A chronic or complex wound deviates from the body’s normal, orderly healing process, often resulting in a prolonged inflammatory state that leads to tissue destruction instead of regeneration. When a wound develops a narrow channel or tract extending deep into the underlying structures, it is known as tunneling. This complication indicates a significant, unresolved problem beneath the surface of the skin and requires specialized attention for resolution.
Defining Tunneling and Undermining
Tunneling is characterized by a narrow passageway, often called a sinus tract, that extends from the visible wound opening into the deeper subcutaneous tissue, muscle, or fascia. This tract usually follows a single, linear direction and can extend several centimeters deep.
Tunneling is distinct from undermining, although both involve tissue destruction beneath the skin surface. Undermining is the separation of the wound edges from the underlying tissue around the perimeter, creating a wider, often circumferential pocket. While both complications create a “dead space” that impedes healing, tunneling is a narrow, deep tract, whereas undermining is a wider, shallower separation of tissue layers.
Underlying Pathophysiology of Tunnel Formation
The biological mechanism driving tunnel formation involves a destructive cycle of inflammation and tissue breakdown in the deeper layers. Tunneling begins with localized deep tissue necrosis, often due to intense pressure or trauma. The body responds by initiating a sustained, localized inflammatory response to wall off and clear the damaged area.
This prolonged inflammation recruits high numbers of immune cells, such as neutrophils and macrophages, to the deep tissue site. These cells release large quantities of proteolytic enzymes, including Matrix Metalloproteinases (MMPs). While these enzymes are necessary to remove damaged tissue, their overproduction leads to the excessive breakdown of the extracellular matrix, the structural scaffolding made of collagen and connective tissue.
This enzymatic destruction of collagen and fascia creates a path of least resistance for inflammatory exudate to travel toward the skin surface, forming the narrow tract or channel.
Primary Causes and Contributing Factors
Specific external and systemic conditions initiate the deep tissue damage necessary for tunneling to occur. Deep-seated infection is a major cause, where an abscess in the deeper tissues seeks a natural path to the surface to drain. As bacteria colonize, they release toxins and proteases that actively erode the surrounding tissue and create the tunnel.
Persistent mechanical force, particularly localized pressure and shear, is a common factor in pressure injuries. Prolonged pressure compresses blood vessels, causing tissue ischemia and subsequent necrosis in deep tissue planes near the bone. This deep damage results in a wound that presents on the surface but tunnels inward to the initial injury site.

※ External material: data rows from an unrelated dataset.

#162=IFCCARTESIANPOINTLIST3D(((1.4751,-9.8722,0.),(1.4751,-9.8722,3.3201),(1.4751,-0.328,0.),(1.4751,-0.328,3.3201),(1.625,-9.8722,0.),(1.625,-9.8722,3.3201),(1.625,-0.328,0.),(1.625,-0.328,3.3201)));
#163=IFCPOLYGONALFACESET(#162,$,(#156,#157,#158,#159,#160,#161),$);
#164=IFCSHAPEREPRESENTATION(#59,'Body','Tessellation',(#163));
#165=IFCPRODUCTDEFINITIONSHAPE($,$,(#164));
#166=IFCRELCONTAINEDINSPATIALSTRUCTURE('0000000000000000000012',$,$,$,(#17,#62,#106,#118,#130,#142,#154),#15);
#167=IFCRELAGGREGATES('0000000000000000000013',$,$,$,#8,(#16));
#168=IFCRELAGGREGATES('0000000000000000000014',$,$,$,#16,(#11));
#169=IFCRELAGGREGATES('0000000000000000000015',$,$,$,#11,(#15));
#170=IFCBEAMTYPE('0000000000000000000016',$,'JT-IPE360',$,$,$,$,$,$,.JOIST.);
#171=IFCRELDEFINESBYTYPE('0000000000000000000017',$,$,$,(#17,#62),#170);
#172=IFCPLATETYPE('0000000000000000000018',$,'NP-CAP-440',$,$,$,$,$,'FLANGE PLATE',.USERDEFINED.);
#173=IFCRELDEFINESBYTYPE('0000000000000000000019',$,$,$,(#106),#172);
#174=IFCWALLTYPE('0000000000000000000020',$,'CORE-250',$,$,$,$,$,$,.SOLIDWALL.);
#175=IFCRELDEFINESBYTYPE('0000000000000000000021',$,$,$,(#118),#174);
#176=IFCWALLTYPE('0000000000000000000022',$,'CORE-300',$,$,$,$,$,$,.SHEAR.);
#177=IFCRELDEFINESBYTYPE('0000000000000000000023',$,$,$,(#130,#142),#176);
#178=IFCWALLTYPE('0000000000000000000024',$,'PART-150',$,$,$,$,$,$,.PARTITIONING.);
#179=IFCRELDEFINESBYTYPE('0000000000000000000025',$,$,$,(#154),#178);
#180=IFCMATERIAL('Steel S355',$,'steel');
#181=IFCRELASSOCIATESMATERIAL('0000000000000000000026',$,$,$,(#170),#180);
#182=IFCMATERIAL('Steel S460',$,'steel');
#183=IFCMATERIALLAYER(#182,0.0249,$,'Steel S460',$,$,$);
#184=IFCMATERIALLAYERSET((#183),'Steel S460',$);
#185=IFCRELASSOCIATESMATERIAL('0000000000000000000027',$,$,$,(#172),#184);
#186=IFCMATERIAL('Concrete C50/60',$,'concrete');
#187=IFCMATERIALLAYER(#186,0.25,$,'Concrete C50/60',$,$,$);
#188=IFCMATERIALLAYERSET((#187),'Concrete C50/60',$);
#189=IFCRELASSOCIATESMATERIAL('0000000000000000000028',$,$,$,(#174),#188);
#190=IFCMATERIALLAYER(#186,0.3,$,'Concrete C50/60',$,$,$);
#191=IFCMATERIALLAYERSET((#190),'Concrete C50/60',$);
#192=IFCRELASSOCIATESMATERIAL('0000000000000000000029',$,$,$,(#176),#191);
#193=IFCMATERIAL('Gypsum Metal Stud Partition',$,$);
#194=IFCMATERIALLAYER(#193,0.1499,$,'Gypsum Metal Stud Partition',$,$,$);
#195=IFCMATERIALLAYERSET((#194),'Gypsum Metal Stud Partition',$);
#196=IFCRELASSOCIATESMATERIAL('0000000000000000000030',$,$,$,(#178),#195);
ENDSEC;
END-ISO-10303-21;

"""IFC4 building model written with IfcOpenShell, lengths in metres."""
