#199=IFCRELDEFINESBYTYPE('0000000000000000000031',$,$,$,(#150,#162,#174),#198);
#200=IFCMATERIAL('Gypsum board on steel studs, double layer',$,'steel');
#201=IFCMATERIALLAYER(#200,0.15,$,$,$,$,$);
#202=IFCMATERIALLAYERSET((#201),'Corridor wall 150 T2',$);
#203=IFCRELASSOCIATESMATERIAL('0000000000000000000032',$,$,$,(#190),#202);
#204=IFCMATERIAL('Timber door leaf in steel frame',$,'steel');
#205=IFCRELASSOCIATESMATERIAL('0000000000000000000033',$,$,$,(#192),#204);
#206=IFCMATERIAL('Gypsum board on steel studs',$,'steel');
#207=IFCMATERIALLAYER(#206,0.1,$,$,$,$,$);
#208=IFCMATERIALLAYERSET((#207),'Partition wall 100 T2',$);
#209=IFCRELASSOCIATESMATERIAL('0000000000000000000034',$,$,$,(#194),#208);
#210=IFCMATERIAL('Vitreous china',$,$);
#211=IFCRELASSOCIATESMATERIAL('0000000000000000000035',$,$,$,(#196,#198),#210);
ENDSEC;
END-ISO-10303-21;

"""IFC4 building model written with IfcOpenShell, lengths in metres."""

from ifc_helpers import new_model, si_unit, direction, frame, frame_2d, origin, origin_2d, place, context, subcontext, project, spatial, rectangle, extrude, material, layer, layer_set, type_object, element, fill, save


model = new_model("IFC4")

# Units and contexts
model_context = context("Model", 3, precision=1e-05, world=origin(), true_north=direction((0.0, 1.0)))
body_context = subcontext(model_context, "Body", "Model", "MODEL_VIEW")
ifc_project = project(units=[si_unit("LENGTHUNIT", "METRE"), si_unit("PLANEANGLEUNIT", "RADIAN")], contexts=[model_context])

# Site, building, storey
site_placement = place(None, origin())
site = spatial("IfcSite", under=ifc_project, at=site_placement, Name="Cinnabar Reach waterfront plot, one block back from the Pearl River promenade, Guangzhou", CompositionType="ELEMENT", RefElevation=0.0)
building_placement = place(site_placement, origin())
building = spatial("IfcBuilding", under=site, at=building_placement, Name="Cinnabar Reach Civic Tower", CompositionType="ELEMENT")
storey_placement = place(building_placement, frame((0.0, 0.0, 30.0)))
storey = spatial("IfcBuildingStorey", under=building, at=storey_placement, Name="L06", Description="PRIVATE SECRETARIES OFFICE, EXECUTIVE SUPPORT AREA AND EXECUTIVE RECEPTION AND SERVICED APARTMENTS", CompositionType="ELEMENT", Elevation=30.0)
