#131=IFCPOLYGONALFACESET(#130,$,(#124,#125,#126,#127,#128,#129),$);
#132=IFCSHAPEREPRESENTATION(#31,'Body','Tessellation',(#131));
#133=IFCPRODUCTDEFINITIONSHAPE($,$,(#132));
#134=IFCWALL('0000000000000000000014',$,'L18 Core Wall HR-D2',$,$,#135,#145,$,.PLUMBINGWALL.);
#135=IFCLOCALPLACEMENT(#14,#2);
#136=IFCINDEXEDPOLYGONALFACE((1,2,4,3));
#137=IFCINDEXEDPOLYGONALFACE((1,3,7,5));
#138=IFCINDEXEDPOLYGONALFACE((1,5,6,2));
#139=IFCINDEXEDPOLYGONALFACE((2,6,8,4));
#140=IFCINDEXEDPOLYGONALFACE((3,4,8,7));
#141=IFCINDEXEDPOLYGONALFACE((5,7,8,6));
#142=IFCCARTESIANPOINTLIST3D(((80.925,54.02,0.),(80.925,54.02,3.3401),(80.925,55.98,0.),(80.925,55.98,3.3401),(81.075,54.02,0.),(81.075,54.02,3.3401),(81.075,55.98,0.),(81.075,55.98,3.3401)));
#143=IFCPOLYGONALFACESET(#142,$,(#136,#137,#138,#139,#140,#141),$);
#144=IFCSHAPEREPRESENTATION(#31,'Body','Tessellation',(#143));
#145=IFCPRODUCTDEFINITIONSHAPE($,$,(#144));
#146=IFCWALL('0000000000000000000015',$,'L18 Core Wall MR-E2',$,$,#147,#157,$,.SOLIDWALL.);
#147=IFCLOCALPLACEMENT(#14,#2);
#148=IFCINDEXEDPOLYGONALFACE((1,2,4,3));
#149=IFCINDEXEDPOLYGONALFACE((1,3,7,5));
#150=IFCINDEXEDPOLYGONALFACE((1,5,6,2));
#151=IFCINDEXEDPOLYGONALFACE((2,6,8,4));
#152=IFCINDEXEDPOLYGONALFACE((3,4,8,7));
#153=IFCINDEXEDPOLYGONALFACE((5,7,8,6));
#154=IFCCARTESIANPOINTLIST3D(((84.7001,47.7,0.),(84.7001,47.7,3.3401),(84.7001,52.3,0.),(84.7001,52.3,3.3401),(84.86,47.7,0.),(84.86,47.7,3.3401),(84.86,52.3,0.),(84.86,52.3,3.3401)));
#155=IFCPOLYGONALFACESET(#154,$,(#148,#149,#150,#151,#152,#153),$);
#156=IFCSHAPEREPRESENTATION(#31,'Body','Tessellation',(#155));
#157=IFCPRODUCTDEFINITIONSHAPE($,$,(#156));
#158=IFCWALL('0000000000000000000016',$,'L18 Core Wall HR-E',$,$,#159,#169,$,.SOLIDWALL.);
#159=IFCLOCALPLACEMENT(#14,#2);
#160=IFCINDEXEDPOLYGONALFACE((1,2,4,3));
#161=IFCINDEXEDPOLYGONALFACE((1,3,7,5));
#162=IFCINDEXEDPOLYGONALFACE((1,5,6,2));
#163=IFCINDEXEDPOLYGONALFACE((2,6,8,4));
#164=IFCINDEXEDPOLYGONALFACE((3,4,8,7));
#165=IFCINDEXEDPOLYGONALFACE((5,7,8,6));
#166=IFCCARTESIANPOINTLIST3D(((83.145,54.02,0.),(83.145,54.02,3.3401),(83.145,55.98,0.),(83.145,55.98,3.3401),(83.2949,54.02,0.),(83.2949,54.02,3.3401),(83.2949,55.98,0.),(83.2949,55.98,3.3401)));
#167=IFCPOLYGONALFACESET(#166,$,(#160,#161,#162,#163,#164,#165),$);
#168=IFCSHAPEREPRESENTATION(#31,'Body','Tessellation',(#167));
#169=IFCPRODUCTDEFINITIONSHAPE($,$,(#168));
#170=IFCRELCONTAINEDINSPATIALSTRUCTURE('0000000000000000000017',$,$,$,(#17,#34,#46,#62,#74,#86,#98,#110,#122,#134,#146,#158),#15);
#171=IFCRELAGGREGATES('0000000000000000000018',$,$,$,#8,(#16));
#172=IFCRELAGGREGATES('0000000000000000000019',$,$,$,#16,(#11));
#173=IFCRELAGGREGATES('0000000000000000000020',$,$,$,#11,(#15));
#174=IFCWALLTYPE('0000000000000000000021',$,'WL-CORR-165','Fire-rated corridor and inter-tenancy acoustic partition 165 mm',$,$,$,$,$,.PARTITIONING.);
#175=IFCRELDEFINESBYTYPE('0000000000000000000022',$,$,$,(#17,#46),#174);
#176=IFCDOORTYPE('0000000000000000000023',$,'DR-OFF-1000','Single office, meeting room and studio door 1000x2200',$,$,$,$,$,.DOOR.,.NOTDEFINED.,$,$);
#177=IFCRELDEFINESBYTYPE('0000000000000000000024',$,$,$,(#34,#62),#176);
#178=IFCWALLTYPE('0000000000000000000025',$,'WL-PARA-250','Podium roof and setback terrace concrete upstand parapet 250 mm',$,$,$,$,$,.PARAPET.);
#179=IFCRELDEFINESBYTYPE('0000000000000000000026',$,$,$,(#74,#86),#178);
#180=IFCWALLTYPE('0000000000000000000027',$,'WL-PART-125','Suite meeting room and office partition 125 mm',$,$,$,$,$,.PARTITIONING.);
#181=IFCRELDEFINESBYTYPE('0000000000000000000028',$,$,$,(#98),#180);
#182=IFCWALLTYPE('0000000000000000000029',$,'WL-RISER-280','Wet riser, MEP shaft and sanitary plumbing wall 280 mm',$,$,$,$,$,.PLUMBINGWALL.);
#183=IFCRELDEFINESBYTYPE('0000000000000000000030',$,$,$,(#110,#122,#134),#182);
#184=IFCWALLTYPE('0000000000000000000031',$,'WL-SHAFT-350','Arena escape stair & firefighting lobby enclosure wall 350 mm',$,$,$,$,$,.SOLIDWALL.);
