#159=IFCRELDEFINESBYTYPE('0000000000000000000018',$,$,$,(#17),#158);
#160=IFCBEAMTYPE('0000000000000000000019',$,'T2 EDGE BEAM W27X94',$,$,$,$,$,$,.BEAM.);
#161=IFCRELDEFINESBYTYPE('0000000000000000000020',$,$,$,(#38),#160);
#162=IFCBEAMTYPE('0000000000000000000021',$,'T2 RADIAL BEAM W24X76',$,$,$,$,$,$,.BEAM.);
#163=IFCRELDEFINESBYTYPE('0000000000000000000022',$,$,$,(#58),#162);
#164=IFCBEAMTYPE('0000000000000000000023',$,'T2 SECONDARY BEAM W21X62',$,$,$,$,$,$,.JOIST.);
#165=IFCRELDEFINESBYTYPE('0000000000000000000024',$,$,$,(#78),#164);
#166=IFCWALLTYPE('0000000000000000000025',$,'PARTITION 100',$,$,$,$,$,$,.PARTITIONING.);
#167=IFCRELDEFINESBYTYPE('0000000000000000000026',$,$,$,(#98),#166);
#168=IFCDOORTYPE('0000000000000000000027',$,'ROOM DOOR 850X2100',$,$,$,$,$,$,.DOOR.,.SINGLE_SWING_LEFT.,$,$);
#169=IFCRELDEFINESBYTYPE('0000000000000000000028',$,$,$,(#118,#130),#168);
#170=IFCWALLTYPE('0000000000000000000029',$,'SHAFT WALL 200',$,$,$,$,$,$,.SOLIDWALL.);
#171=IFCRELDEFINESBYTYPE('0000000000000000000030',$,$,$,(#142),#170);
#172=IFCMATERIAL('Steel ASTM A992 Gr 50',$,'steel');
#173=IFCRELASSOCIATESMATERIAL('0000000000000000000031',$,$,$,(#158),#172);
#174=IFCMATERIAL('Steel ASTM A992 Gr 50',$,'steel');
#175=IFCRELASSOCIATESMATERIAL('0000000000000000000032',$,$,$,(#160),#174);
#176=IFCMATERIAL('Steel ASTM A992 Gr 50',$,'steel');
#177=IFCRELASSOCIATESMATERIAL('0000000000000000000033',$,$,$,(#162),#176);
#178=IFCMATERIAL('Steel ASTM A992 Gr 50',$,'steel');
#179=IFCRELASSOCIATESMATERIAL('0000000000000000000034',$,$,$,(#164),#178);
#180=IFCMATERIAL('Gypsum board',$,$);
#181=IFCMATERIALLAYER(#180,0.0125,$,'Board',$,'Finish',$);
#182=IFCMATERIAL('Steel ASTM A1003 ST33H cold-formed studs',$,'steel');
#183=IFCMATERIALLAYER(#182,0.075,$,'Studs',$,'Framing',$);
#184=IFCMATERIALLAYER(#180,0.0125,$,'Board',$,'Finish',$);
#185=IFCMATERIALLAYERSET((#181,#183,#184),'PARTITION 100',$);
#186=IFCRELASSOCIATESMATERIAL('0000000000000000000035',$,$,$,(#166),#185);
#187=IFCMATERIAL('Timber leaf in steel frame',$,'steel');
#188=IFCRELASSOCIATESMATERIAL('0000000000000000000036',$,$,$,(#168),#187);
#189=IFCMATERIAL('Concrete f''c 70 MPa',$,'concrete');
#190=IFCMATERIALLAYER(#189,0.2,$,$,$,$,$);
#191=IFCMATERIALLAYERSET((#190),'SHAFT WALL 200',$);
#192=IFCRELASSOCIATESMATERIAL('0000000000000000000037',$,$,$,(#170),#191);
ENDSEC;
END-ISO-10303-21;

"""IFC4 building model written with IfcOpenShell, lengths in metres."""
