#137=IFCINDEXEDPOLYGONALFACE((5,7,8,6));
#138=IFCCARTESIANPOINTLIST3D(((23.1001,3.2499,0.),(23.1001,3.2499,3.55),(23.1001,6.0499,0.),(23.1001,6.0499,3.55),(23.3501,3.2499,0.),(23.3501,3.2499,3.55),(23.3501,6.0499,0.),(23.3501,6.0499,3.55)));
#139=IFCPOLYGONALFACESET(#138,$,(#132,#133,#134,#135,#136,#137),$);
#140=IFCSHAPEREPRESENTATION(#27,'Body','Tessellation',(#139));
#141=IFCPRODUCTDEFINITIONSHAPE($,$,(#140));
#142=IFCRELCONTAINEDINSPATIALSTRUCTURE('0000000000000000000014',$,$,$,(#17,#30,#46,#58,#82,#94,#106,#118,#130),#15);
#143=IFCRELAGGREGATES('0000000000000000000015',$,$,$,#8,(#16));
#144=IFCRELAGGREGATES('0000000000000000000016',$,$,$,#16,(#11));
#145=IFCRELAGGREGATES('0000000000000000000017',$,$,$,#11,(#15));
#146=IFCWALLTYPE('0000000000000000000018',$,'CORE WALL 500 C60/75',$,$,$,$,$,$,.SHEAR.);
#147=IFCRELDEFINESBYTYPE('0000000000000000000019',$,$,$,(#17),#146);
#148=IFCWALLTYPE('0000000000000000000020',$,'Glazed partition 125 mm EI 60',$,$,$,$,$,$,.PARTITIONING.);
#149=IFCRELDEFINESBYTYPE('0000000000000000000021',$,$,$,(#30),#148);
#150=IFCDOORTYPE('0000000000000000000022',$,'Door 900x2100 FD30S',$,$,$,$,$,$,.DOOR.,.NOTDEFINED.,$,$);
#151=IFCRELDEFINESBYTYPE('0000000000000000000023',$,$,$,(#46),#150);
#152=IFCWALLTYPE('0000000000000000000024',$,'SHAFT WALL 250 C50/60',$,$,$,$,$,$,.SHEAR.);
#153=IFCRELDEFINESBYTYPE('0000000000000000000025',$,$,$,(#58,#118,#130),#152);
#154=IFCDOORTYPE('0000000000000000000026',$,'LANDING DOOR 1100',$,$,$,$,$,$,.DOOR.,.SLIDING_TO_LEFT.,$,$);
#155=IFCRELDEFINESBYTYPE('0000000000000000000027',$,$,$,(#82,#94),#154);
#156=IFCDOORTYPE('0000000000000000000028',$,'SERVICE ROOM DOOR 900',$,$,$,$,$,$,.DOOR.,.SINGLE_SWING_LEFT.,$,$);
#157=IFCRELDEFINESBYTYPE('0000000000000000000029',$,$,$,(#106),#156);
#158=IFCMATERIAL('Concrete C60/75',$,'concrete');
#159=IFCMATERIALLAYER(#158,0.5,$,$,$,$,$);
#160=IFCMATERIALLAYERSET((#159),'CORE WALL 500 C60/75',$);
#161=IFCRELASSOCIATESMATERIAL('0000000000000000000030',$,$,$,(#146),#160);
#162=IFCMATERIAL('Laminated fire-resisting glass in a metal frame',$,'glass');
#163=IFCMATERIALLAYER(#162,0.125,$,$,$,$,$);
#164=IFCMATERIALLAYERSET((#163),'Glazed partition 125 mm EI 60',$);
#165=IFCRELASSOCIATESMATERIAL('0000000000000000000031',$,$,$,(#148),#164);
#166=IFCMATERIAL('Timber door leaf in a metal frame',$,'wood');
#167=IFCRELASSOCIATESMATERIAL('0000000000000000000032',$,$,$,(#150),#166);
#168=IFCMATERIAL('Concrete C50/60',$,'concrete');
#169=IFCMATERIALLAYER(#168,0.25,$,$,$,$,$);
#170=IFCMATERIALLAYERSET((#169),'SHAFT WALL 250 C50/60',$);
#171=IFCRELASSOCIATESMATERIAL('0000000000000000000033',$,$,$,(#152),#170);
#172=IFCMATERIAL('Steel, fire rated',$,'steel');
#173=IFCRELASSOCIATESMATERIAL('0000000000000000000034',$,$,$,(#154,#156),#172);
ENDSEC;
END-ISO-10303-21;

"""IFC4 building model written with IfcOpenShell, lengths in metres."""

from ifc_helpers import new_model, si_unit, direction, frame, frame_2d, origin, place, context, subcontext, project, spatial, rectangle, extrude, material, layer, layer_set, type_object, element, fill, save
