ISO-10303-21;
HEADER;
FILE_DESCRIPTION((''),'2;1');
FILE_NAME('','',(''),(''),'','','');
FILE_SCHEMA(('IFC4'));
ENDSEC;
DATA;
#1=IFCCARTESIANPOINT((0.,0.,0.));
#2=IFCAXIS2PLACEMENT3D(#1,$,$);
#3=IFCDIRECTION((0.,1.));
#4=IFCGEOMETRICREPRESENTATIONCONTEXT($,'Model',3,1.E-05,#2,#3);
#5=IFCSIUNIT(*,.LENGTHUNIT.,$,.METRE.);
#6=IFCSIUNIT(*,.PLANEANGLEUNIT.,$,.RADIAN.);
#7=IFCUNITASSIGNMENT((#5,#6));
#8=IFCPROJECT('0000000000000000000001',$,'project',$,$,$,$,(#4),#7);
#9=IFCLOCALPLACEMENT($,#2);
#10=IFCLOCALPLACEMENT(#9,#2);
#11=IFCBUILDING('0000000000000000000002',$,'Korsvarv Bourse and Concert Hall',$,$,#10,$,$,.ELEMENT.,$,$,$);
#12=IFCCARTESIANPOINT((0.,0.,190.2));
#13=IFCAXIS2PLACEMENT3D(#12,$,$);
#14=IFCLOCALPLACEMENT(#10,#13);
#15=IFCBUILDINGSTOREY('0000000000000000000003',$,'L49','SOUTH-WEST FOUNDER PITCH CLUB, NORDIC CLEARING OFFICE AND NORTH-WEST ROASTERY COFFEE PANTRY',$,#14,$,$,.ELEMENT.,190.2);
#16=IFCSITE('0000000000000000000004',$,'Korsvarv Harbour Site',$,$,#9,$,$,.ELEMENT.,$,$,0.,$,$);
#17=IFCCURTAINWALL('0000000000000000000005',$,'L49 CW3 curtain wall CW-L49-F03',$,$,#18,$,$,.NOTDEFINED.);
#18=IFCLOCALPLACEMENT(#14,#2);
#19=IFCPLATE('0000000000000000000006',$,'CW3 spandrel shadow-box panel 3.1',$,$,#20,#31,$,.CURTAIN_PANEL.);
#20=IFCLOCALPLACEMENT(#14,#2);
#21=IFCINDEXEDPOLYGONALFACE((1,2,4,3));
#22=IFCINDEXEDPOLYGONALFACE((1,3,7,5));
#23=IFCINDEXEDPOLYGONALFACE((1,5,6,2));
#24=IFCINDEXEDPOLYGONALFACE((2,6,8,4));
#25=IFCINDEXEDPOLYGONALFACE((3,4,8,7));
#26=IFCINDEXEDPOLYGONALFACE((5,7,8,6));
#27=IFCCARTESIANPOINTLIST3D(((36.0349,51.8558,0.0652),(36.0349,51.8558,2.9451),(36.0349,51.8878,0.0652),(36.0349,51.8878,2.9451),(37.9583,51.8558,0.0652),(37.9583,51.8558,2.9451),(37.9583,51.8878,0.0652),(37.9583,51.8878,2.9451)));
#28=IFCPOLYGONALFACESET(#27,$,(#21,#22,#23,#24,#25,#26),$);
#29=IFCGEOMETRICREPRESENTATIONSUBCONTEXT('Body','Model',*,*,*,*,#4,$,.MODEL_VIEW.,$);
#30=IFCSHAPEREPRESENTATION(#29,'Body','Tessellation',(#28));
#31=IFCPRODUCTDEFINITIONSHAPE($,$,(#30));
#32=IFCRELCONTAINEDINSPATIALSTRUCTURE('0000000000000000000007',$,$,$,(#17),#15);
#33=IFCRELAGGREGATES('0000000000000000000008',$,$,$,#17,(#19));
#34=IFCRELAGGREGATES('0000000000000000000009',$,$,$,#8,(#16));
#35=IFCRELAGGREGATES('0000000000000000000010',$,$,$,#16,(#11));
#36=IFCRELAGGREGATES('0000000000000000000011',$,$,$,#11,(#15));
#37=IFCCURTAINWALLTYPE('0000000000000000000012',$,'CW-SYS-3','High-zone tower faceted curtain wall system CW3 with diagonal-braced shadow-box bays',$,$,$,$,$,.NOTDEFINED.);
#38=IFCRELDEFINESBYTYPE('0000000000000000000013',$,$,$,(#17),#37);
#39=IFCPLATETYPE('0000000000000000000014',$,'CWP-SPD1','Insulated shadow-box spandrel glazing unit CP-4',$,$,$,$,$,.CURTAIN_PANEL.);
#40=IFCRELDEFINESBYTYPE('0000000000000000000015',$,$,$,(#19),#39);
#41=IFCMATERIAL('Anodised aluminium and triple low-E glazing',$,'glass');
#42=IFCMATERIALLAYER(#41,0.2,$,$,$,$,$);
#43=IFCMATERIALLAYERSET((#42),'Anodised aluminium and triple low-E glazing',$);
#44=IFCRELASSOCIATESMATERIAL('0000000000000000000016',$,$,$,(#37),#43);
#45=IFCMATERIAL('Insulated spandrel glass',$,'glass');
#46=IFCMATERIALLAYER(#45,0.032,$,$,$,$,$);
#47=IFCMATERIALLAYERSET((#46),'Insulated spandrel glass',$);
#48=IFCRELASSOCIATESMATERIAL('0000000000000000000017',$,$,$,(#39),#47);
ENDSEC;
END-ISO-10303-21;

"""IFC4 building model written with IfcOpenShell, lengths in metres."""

from ifc_helpers import new_model, si_unit, direction, frame, origin, origin_2d, place, context, subcontext, project, spatial, rectangle, extrude, source, transform, mapped, material, layer, layer_set, type_object, element, aggregate, save


model = new_model("IFC4")

# Units and contexts
model_context = context("Model", 3, precision=1e-05, world=origin(), true_north=direction((0.0, 1.0)))
body_context = subcontext(model_context, "Body", "Model", "MODEL_VIEW")
ifc_project = project(units=[si_unit("LENGTHUNIT", "METRE"), si_unit("PLANEANGLEUNIT", "RADIAN")], contexts=[model_context])

# Site, building, storey
site_placement = place(None, origin())
site = spatial("IfcSite", under=ifc_project, at=site_placement, Name="Korsvarv Harbour Site", CompositionType="ELEMENT", RefElevation=0.0)
building_placement = place(site_placement, origin())
building = spatial("IfcBuilding", under=site, at=building_placement, Name="Korsvarv Bourse and Concert Hall", CompositionType="ELEMENT")
storey_placement = place(building_placement, frame((0.0, 0.0, 190.2)))
storey = spatial("IfcBuildingStorey", under=building, at=storey_placement, Name="L49", Description="SOUTH-WEST FOUNDER PITCH CLUB, NORDIC CLEARING OFFICE AND NORTH-WEST ROASTERY COFFEE PANTRY", CompositionType="ELEMENT", Elevation=190.2)

# Curtain wall, plate
ifc_material_1 = material(Name="Anodised aluminium and triple low-E glazing", Category="glass")
ifc_layer_1 = layer(ifc_material_1, 0.2)
ifc_layer_set_1 = layer_set([ifc_layer_1], Name="Anodised aluminium and triple low-E glazing")
curtain_wall_type = type_object("IfcCurtainWallType", Name="CW-SYS-3", Description="High-zone tower faceted curtain wall system CW3 with diagonal-braced shadow-box bays", PredefinedType="NOTDEFINED", material=ifc_layer_set_1)
curtain_wall_placement = place(storey_placement, origin())
curtain_wall = element("IfcCurtainWall", 1, at=curtain_wall_placement, inside=storey, type_object=curtain_wall_type, Name="L49 CW3 curtain wall CW-L49-F03", PredefinedType="NOTDEFINED")
ifc_material_2 = material(Name="Insulated spandrel glass", Category="glass")
ifc_layer_2 = layer(ifc_material_2, 0.032)
ifc_layer_set_2 = layer_set([ifc_layer_2], Name="Insulated spandrel glass")
plate_type_1 = type_object("IfcPlateType", Name="CWP-SPD1", Description="Insulated shadow-box spandrel glazing unit CP-4", PredefinedType="CURTAIN_PANEL", material=ifc_layer_set_2)
shared_shape_1 = source(origin(), body_context, "Body", "SweptSolid", [
    extrude(rectangle(XDim=1.9233, YDim=0.032, at=origin_2d()), origin(), (0.0, 0.0, 1.0), 2.8799),
])
plate_1_placement = place(storey_placement, frame((36.9966, 51.8718, 0.0652), z_axis=(0.0, 0.0, 1.0), x_axis=(-1.0, 0.0, 0.0)))
plate_1 = element("IfcPlate", 2, at=plate_1_placement, type_object=plate_type_1, Name="CW3 spandrel shadow-box panel 3.1", PredefinedType="CURTAIN_PANEL", context=body_context, shape_type="MappedRepresentation", body=[
    mapped(shared_shape_1, transform((0.0, 0.0, 0.0), scale=1.0)),
])
aggregate(curtain_wall, [plate_1])

save(model, "model.ifc")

Underlying disease states significantly compromise tissue viability and healing capacity. For example, diabetes impairs blood flow and weakens the immune response, hindering the ability to clear infection and repair tissue. Vascular insufficiency or the presence of a foreign body, such as a retained suture, can also perpetuate the inflammation and deep tissue destruction necessary for tract formation.
Clinical Implications and Management Strategies
The presence of tunneling is a serious clinical finding because it significantly increases the risk of complications like deep-space infections, abscess formation, and osteomyelitis (bone infection). The narrow channel traps bacteria and exudate, preventing the wound from healing from the base upward and creating an ideal environment for microbial proliferation.
Effective management begins with accurate assessment to determine the full extent of the tissue damage. A healthcare professional must gently probe the wound with a sterile instrument to determine the depth, direction, and number of tracts, often using the face of a clock for documentation. Probing is essential because the full depth of the tunnel is often not visible on the surface.
Treatment strategies focus on cleaning the deep tract and promoting tissue growth from the bottom upward. This requires thorough cleansing and debridement to remove necrotic tissue and reduce the bacterial load within the channel. The tract must then be lightly packed with specialized materials, such as sterile gauze strips or hydrogel fillers, to ensure the tunnel walls do not prematurely close and form a new abscess. This method promotes healing by secondary intention, eliminating the deep space through the gradual formation of healthy granulation tissue.